Personal information
- Full name: Alan James Gough
- Born: 30 April 1972 (age 54) Ashby-de-la-Zouch, Leicestershire, England
- Batting: Right-handed

Domestic team information
- 2001: Worcestershire Cricket Board

Career statistics
| Competition | LA |
| Matches | 1 |
| Runs scored | 14 |
| Batting average | 14.00 |
| 100s/50s | –/– |
| Top score | 14 |
| Balls bowled | 54 |
| Wickets | 1 |
| Bowling average | 30.00 |
| 5 wickets in innings | – |
| 10 wickets in match | – |
| Best bowling | 1/30 |
| Catches/stumpings | –/– |
- Source: Cricinfo, 1 November 2010

= Alan Gough (cricketer) =

English cricketer (born 1972)

Alan James Gough (born 30 April 1972) is a former English cricketer. Gough was a right-handed batsman.
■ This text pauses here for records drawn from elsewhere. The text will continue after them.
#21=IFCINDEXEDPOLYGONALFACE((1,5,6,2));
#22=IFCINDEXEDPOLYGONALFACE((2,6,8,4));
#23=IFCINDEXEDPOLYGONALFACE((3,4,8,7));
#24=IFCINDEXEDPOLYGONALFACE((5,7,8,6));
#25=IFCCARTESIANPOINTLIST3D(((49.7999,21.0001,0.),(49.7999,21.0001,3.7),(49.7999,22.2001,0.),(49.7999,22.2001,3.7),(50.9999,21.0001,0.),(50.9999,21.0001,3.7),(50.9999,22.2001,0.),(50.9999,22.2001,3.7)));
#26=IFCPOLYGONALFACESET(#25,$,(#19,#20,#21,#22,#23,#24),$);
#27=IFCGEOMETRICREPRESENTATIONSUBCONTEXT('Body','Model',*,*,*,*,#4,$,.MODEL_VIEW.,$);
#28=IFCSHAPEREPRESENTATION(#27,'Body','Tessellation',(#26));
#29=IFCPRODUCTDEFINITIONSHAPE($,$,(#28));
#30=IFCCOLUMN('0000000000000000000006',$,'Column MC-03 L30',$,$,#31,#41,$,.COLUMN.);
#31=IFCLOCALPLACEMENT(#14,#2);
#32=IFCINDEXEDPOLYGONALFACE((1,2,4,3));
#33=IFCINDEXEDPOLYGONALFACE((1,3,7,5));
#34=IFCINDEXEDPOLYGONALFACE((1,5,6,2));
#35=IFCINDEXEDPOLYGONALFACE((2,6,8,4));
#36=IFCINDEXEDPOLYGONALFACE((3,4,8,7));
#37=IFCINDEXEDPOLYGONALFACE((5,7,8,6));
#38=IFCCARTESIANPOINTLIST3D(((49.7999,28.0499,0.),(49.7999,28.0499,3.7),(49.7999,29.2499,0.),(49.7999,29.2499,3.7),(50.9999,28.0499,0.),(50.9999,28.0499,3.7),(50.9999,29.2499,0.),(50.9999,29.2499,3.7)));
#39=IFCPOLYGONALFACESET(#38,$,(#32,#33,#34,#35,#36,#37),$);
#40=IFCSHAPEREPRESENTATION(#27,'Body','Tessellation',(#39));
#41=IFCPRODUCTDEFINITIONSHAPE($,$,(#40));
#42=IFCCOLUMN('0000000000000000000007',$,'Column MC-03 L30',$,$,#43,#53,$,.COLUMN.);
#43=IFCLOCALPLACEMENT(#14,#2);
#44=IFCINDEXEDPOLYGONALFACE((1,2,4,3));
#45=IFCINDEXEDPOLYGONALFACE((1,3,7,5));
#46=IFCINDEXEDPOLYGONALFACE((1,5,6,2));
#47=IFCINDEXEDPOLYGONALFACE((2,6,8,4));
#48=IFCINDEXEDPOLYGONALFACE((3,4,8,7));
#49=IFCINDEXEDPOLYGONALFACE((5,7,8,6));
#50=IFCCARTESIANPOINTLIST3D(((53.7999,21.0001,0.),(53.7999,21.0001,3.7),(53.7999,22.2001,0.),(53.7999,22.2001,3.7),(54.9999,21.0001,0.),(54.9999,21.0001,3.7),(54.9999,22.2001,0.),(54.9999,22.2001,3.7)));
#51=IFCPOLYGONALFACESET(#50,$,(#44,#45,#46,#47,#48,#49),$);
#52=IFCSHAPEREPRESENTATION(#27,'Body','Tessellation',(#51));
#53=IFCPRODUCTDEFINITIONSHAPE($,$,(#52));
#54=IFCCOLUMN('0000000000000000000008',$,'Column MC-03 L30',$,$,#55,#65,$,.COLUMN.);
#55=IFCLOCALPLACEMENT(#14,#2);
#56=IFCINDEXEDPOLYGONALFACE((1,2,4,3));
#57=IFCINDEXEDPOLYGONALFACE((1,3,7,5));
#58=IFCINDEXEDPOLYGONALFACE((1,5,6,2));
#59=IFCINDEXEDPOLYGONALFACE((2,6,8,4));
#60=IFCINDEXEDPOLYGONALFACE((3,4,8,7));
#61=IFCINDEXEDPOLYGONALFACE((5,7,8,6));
He was born at Ashby-de-la-Zouch, Leicestershire.

Gough represented the Worcestershire Cricket Board in a single List A match against Buckinghamshire in the 1st round of the 2002 Cheltenham & Gloucester Trophy which was played in 2001. In his only List A match, he scored 14 runs and took a single wicket at a cost of 30 runs.